En el transcurso de la Modernidad se han añadido a la física y las ciencias de la vida conocimientos sobre el comportamiento de los seres humanos y otros seres vivos, que hoy se estudian mediante las ciencias de la conducta, como pueden ser la psicología, la ciencia cognitiva, la economía del comportamiento y la sociobiología. De ello se deriva que, en tanto que seres humanos, se puede descifrar hasta cierto punto cómo somos en diversos planos de nuestra existencia (desde la célula hasta agrupaciones sociales como la familia, el núcleo de los amigos e incluso el conjunto de una sociedad) y por lo tanto también se nos puede dirigir, en cierta medida.
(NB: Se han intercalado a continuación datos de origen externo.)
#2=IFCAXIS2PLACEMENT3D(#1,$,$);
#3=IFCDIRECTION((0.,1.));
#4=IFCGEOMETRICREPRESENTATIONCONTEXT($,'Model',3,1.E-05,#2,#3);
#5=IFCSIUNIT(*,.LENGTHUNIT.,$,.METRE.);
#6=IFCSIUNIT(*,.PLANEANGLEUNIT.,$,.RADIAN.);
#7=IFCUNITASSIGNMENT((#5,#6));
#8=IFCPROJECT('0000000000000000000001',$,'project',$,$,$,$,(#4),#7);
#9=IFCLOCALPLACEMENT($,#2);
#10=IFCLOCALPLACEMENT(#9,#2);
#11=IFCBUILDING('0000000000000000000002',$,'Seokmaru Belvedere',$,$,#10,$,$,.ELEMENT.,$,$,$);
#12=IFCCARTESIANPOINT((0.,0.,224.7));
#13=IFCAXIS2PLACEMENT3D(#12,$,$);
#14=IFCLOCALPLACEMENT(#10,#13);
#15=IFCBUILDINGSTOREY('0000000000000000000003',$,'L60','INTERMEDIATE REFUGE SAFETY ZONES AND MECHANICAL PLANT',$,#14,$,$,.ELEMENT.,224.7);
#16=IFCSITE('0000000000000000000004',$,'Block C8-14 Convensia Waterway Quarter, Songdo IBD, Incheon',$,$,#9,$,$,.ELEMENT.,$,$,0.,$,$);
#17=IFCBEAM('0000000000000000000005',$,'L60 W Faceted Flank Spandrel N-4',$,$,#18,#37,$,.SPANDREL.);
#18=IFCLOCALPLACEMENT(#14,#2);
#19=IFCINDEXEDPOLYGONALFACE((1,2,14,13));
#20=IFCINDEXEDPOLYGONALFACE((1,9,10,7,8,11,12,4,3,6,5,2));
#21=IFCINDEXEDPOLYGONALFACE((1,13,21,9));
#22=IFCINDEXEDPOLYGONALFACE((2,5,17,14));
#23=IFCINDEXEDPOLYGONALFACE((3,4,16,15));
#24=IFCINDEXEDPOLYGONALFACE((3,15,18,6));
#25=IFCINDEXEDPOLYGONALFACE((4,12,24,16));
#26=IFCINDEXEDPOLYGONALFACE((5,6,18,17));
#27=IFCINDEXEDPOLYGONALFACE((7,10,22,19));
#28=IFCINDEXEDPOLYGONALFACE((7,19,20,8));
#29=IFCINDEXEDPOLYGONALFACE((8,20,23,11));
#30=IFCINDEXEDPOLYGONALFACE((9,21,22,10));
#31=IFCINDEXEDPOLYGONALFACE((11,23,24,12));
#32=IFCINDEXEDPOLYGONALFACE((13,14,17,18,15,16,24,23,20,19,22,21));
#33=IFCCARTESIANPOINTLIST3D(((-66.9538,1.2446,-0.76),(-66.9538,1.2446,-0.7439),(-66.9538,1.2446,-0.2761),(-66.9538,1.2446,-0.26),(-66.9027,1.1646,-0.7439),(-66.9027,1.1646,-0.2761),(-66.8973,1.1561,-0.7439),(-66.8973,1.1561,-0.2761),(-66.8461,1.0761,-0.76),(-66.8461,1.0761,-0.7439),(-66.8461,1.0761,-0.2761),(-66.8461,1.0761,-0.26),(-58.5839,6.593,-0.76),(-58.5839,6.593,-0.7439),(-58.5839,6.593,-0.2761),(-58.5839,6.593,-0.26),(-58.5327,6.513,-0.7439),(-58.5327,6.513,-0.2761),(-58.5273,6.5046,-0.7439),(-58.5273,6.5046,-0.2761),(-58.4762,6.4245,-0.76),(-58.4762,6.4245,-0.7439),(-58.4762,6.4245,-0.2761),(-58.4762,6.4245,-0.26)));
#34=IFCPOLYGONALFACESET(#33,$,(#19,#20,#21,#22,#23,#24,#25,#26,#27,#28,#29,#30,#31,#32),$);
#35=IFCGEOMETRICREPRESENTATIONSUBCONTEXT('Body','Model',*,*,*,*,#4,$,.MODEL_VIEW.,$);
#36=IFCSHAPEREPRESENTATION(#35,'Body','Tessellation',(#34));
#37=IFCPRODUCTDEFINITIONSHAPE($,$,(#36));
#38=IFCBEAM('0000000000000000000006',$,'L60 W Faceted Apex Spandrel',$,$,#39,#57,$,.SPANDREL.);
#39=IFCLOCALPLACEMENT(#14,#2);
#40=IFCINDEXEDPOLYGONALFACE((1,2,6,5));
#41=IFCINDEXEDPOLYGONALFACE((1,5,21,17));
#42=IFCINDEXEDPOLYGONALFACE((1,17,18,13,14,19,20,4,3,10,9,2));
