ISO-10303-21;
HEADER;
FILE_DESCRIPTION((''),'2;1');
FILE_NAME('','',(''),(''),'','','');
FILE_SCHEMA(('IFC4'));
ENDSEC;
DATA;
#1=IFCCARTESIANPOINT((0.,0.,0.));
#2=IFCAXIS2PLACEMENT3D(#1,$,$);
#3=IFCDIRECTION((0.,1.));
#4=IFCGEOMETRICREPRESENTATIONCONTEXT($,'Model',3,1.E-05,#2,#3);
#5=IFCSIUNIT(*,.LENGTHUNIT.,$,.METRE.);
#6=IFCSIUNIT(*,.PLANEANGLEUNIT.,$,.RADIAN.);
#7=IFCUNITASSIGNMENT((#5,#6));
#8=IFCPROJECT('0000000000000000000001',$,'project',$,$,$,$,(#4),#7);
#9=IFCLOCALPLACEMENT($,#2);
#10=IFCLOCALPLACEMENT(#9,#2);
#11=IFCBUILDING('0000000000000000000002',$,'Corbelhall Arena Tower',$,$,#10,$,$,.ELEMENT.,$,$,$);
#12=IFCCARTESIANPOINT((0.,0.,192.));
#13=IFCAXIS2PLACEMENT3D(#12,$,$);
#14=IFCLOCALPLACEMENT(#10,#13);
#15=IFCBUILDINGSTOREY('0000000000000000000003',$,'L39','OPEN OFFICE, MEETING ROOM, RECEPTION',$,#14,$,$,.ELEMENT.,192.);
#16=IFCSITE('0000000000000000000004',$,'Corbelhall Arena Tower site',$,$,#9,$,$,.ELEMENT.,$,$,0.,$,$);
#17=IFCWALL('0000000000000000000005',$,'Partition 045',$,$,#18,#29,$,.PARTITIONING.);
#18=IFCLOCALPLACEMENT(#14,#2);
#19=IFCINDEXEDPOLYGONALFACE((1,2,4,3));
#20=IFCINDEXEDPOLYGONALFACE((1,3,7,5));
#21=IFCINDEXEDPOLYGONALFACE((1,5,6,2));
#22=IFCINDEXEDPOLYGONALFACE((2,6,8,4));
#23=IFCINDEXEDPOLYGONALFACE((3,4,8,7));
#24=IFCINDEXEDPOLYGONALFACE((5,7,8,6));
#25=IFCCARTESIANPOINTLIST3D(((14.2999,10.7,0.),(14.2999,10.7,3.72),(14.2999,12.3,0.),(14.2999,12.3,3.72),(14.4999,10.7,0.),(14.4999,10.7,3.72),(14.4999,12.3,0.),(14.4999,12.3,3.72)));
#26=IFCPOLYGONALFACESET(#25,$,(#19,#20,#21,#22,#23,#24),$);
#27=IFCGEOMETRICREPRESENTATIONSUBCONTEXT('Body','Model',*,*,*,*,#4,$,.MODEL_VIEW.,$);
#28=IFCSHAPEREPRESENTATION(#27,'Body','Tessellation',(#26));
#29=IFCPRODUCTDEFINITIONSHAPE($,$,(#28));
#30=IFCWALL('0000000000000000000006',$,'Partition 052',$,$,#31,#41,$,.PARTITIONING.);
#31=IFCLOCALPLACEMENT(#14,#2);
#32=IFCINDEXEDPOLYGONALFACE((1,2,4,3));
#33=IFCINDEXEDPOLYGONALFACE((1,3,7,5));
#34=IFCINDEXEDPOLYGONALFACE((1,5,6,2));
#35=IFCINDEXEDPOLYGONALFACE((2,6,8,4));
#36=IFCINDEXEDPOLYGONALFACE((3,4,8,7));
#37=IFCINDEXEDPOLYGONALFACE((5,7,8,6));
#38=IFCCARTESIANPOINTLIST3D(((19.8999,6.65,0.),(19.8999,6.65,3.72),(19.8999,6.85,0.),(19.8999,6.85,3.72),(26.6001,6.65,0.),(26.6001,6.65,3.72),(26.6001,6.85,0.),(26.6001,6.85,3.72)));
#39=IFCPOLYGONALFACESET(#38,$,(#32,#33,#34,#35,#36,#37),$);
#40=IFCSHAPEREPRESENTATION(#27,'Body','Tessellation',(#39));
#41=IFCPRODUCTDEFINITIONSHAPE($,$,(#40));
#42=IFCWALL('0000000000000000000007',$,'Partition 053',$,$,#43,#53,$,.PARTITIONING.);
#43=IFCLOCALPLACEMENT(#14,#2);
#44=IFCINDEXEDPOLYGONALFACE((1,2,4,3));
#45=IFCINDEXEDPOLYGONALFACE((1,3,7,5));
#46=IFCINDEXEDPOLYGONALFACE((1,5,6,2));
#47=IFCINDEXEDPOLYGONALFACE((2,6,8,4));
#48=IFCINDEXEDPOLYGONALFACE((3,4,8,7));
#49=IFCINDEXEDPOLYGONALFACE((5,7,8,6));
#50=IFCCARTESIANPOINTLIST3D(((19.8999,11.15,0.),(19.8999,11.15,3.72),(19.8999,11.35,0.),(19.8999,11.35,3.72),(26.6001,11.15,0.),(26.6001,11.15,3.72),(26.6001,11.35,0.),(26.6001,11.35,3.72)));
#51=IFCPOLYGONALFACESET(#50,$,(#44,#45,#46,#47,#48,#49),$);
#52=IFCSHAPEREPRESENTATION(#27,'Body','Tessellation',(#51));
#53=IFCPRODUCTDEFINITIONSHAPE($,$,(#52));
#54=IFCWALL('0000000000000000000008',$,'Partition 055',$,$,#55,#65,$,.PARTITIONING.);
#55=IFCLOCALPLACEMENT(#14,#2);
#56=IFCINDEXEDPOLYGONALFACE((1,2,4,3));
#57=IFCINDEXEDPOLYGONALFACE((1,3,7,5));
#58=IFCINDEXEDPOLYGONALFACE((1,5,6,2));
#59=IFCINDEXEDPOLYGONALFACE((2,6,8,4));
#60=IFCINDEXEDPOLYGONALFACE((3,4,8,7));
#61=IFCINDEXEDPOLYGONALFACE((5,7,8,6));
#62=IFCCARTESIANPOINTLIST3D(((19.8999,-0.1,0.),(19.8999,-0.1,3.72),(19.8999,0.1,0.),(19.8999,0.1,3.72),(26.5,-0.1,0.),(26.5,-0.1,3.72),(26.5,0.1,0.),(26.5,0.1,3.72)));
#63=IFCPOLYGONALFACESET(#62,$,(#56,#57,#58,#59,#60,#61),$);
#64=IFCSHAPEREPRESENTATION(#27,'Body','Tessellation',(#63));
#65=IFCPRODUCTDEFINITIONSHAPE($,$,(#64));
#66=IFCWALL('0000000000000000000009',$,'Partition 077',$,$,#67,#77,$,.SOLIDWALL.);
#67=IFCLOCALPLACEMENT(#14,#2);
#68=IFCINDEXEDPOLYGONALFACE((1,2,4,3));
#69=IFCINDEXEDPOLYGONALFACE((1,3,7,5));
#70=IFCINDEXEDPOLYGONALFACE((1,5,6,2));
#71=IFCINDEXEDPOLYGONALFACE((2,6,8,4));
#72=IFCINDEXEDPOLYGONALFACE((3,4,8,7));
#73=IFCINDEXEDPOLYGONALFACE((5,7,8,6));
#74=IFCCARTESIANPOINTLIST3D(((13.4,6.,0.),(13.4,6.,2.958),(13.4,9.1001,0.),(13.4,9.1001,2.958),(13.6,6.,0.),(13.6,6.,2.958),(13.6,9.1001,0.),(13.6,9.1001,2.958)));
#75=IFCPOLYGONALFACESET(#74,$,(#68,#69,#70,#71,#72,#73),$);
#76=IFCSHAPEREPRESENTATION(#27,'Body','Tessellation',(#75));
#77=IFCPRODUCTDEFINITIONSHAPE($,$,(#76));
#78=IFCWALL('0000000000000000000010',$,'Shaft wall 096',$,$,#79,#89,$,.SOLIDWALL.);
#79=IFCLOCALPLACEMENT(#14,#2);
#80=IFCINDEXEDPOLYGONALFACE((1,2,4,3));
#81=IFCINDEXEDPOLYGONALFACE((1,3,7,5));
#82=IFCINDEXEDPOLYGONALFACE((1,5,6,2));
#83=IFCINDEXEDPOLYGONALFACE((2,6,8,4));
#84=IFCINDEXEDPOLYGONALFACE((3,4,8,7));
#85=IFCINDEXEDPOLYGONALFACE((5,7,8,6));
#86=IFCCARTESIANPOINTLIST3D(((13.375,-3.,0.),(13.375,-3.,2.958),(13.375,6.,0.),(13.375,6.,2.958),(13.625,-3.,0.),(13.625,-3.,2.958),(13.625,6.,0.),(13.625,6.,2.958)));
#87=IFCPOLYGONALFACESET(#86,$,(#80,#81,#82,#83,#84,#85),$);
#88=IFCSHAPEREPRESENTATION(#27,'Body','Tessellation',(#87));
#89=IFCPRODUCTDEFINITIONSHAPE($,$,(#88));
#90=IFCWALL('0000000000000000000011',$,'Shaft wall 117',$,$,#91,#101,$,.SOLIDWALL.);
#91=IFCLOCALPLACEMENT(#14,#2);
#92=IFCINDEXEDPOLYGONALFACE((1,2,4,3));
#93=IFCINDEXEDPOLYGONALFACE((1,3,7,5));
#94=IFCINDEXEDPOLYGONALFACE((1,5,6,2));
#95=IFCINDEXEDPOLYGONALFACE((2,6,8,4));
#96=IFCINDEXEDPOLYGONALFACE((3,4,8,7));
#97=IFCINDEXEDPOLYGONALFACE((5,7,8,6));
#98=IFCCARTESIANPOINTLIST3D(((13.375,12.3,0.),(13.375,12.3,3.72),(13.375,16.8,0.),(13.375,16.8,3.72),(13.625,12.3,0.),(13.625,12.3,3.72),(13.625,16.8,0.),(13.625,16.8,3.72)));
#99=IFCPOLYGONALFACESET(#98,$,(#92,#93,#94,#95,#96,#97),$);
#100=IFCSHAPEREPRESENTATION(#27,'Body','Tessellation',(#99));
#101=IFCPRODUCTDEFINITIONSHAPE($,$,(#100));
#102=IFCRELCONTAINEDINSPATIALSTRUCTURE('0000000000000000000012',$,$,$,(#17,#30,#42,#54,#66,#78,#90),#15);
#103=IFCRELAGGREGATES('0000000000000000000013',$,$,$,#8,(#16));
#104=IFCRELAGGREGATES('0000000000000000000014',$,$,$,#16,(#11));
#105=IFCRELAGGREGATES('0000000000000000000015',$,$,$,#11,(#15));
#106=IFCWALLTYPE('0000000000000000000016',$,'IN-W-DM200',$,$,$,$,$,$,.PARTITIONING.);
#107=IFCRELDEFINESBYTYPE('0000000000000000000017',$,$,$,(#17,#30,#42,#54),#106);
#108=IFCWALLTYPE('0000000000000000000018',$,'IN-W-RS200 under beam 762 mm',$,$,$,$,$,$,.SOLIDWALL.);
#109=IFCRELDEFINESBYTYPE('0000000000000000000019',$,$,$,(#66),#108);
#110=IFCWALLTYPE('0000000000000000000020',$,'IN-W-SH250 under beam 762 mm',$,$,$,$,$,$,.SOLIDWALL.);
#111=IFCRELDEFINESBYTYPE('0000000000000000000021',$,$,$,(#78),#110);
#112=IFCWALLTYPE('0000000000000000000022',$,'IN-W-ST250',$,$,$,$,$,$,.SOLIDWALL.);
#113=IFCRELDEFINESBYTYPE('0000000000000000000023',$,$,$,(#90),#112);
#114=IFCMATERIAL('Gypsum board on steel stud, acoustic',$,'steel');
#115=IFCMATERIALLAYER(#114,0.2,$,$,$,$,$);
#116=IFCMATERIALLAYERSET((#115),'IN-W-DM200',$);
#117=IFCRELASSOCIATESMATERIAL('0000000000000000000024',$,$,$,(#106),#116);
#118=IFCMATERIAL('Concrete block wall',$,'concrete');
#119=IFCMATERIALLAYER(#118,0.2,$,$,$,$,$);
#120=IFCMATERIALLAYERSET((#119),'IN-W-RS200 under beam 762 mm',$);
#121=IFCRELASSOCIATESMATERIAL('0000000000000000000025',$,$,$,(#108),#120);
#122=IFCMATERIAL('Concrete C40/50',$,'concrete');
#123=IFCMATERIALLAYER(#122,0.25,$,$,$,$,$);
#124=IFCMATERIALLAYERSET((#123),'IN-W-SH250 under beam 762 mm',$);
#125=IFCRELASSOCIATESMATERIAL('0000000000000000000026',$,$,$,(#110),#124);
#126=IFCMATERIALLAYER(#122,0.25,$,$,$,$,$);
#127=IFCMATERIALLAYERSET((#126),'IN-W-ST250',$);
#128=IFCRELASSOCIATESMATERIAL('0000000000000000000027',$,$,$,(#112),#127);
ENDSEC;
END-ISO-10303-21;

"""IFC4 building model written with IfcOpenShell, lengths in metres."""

from ifc_helpers import new_model, si_unit, direction, frame, frame_2d, origin, place, context, subcontext, project, spatial, rectangle, extrude, material, layer, layer_set, type_object, element, save


model = new_model("IFC4")

# Units and contexts
model_context = context("Model", 3, precision=1e-05, world=origin(), true_north=direction((0.0, 1.0)))
body_context = subcontext(model_context, "Body", "Model", "MODEL_VIEW")
ifc_project = project(units=[si_unit("LENGTHUNIT", "METRE"), si_unit("PLANEANGLEUNIT", "RADIAN")], contexts=[model_context])

# Site, building, storey
site_placement = place(None, origin())
site = spatial("IfcSite", under=ifc_project, at=site_placement, Name="Corbelhall Arena Tower site", CompositionType="ELEMENT", RefElevation=0.0)
building_placement = place(site_placement, origin())
building = spatial("IfcBuilding", under=site, at=building_placement, Name="Corbelhall Arena Tower", CompositionType="ELEMENT")
storey_placement = place(building_placement, frame((0.0, 0.0, 192.0)))
storey = spatial("IfcBuildingStorey", under=building, at=storey_placement, Name="L39", Description="OPEN OFFICE, MEETING ROOM, RECEPTION", CompositionType="ELEMENT", Elevation=192.0)

# Wall
ifc_material_1 = material(Name="Gypsum board on steel stud, acoustic", Category="steel")
ifc_layer_1 = layer(ifc_material_1, 0.2)
ifc_layer_set_1 = layer_set([ifc_layer_1], Name="IN-W-DM200")
wall_type_1 = type_object("IfcWallType", Name="IN-W-DM200", PredefinedType="PARTITIONING", material=ifc_layer_set_1)
wall_1_placement = place(storey_placement, frame((14.3999, 12.3, 0.0), z_axis=(0.0, 0.0, 1.0), x_axis=(0.0, -1.0, 0.0)))
element("IfcWall", 1, at=wall_1_placement, inside=storey, type_object=wall_type_1, Name="Partition 045", PredefinedType="PARTITIONING", context=body_context, shape_type="SweptSolid", body=[
    extrude(rectangle(XDim=1.6001, YDim=0.2, at=frame_2d((0.8, 0.0))), origin(), (0.0, 0.0, 1.0), 3.72),
])

# Walls
for number, where, z_axis, x_axis, name in (
    (2, (19.8999, 6.75, 0.0), (0.0, 0.0, 1.0), (1.0, 0.0, 0.0), "Partition 052"),
    (3, (19.8999, 11.25, 0.0), (0.0, 0.0, 1.0), (1.0, 0.0, 0.0), "Partition 053"),
):
    element("IfcWall", number, at=place(storey_placement, frame(where, z_axis=z_axis, x_axis=x_axis)), inside=storey, type_object=wall_type_1, Name=name, PredefinedType="PARTITIONING", context=body_context, shape_type="SweptSolid", body=[
        extrude(rectangle(XDim=6.7002, YDim=0.2, at=frame_2d((3.3501, 0.0))), origin(), (0.0, 0.0, 1.0), 3.72),
    ])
Muchas de las incontables decisiones que tomamos cada día, de forma consciente o inconsciente (a qué hora desayunamos; con quién quedamos; cuánto rato nos lavamos las manos; por qué lado de la acera caminamos; si dormimos boca abajo o boca arriba, etc.), pueden explicarse científicamente al detectarse en ellas patrones más o menos generalizados.
Consiguientemente el ser humano es accesible desde lo que en filosofía se conoce como punto de vista de la tercera persona; es un objeto de estudio (uno entre otros) de las ciencias naturales y sociales. A esta dimensión de la existencia humana es a la que se refiere el título de este libro: El ser humano como animal.
La historia, no obstante, no concluye aquí; pues a pesar de todos estos conocimientos modernos de las ciencias de la naturaleza, de la vida y del comportamiento con respecto a la animalidad del ser humano, aun así sentimos que no acabamos de encajar plenamente en la naturaleza. El ser humano no es solamente un animal. De aquí el subtítulo del presente libro.
No somos solo fenómenos naturales; para empezar, porque nosotros explicamos los fenómenos de la naturaleza. Que seamos capaces de explicar fenómenos naturales y con ello también los aspectos de nuestra vida que son irracionales nos separa de la irracionalidad.
En ello ha incidido también recientemente el conocido científico cognitivo Steven Pinker, que nos recuerda que la lógica, la matemática y el pensamiento crítico ya fueron aplicados incluso por nuestros antecesores remotos, con el fin de cazar y alimentarse mejor, y se han utilizado durante miles de años para construir una relación estable con otros grupos humanos y el medio ambiente que compartimos. Como seres humanos hemos sido y seguimos siendo fundamentalmente racionales, lo que no significa que no podamos cometer errores, como han demostrado los descubrimientos de la moderna psicología, el estudio del comportamiento, etc. Derivar de esos errores la conclusión de que por desgracia no somos racionales —además de que, para empezar, no dejaría de ser una conclusión racional— sería un error.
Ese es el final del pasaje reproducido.